More precisely, to estimate the accuracy of the estimated volume of the landslide, we first estimate the variance of unit weight by using (28b–c) for the ordinary LS method, (30) and (31) for the weighted LS and the bias-corrected weighted LS methods, respectively, and then compute the variance-covariance matrix of the estimated parameters in the case of the ordinary LS and bias-corrected weighted LS methods and the MSE matrix in the case of the weighted LS method. With these results at hand, we can finally apply the error propagation law to (35) and obtain the accuracy of the estimated volume of the landslide by each of the three methods. The MSE roots (RMSE) of the estimated volumes are given in row RMSE of Table 2. Obviously, the RMSE value by the bias-corrected weighted LS method is the smallest, which is nevertheless only better than the ordinary LS method by about 3.5 per cent in this specific example. The results of this example indicate that if LiDAR measurements are sufficiently precise, the three methods are able to precisely estimate the volume of landslide mass with sufficiently good accuracy. One may wonder whether the improvement of the bias-corrected weighted LS method over the ordinary LS method is marginally small. To answer this question, we simulate 500 independent examples with 30 different sampling points and repeat the above procedure to compute the RMSE values. The accuracy improvement of volume estimation with the bias-corrected weighted LS method over the ordinary LS method is shown in Figure 2. Depending on the locations of the measurements, the maximum improvement reaches about 19 per cent, which can have a significant consequence in hazard evaluation. Since the LiDAR measurements are assumed to be very precise, the biases of the estimated parameters from the weighted LS method are very small, as can be seen from the RMSE value in Table 2 in this example.

6. Concluding Remarks

Adjustment has been founded on the basis of observational models with additive random errors to process data in geoscience. The most important feature of an observational model with additive errors is that random errors do not change with the size of a signal or a measurement.
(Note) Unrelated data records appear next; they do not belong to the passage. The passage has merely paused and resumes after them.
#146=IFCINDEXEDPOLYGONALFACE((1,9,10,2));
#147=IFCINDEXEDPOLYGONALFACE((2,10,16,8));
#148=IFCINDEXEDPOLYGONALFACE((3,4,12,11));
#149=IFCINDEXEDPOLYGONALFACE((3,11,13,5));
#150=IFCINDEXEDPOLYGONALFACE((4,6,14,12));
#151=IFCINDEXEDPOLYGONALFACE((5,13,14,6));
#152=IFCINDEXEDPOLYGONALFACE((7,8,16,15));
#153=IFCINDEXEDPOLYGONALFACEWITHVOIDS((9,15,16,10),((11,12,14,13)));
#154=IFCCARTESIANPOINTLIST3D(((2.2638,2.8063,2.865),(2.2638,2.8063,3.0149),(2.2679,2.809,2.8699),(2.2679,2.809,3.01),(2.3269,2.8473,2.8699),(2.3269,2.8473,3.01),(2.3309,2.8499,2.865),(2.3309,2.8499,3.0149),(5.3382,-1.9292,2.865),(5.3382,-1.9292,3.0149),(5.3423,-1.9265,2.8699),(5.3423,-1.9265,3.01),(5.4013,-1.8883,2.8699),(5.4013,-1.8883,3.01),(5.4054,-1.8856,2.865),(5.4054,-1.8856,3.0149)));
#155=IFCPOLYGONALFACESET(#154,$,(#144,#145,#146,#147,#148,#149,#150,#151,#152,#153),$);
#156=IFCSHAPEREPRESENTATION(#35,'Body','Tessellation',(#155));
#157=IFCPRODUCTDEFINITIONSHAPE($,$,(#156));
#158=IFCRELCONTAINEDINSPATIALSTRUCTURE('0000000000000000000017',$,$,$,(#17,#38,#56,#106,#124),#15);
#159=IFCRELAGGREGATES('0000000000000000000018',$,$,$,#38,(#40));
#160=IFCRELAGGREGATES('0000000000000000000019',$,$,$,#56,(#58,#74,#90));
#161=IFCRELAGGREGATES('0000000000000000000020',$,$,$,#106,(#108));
However, with the advance of modern space observation technology, we realize that some of random errors change with the sizes of measurements, which may be attributed to the random nature of physical media along the path of observation. For example, GPS, VLBI and EDM baselines, InSAR and LiDAR measurements all show the feature of multiplicative random errors in the sense that their accuracy always contains one term that is proportional to the length of the baseline or the strength of signal. Theoretically speaking, the theory and methods developed on the basis of observational models with additive errors cannot meet the need of models with multiplicative errors. New theory and methods have to be developed accordingly. Xu and Shimada [33] demonstrated that the LS principle can be used to adjust observational models with multiplicative errors, unless the induced bias in the weighted LS estimate can be removed.
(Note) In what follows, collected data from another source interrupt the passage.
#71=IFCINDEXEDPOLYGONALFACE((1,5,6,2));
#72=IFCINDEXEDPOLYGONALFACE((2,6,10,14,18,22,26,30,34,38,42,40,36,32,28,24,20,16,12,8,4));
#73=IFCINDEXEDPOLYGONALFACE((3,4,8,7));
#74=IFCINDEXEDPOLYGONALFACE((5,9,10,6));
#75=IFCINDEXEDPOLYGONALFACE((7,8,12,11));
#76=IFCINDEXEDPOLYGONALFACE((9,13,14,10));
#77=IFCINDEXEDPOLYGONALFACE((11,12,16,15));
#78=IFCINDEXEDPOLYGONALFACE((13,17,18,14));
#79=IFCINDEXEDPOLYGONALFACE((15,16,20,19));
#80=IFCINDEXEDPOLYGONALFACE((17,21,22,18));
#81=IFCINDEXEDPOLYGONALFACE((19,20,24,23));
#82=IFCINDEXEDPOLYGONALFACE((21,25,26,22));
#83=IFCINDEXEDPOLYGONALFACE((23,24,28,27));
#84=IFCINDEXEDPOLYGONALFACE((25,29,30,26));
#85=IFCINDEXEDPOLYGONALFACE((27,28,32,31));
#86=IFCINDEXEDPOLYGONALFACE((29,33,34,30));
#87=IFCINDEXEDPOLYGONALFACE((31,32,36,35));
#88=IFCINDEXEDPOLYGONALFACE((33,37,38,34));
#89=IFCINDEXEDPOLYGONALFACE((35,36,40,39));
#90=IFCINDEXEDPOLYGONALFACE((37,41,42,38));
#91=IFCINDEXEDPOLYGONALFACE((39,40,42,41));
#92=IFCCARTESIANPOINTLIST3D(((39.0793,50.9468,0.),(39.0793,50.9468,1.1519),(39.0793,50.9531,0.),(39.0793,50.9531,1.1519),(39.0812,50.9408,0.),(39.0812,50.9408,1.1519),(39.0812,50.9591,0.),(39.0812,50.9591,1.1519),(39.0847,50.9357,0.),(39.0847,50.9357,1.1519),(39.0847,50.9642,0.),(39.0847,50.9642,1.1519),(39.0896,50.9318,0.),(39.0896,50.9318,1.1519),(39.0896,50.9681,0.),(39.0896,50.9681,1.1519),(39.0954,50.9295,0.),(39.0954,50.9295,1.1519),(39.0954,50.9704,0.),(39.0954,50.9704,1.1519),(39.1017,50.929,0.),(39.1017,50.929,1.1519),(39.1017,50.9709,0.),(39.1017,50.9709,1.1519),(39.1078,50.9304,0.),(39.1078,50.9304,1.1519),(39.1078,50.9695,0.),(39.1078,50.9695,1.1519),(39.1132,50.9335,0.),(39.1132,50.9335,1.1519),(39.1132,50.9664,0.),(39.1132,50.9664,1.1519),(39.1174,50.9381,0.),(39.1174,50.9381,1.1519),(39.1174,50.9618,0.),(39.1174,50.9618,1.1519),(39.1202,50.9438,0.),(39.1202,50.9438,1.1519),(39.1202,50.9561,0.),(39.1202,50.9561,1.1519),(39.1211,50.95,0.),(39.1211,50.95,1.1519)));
This paper has substantially extended the work by Xu and Shimada [33] by supplementing a complete error analysis for the quantities of interest. We have derived the cross-covariance matrices among such quantities. Since the variance of unit weight has been one of the most important quantities in statistical analysis of measurements and hypothesis testing, we have also constructed five estimators that correspond to the ordinary LS, the weighted LS and the bias-corrected weighted LS methods. Although LiDAR measurements have been known, theoretically and experimentally, to be of multiplicative error nature (see e.g., [37,39,43–45]), they have been used to reconstruct DEM as if they were of additive random errors. We have simulated an example of reconstructing DEM from LiDAR-type measurements and investigated the effect on volume estimation from the reconstructed DEM. The results have shown that all the three methods can well reconstruct the DEM, if measurements are sufficiently precise. The bias-corrected LS method can perform much better than the ordinary LS method, with a maximum improvement of about 19 per cent from 500 independent repetitions of the example experiment. Such an improvement could be important in hazard evaluation of landslides, for example.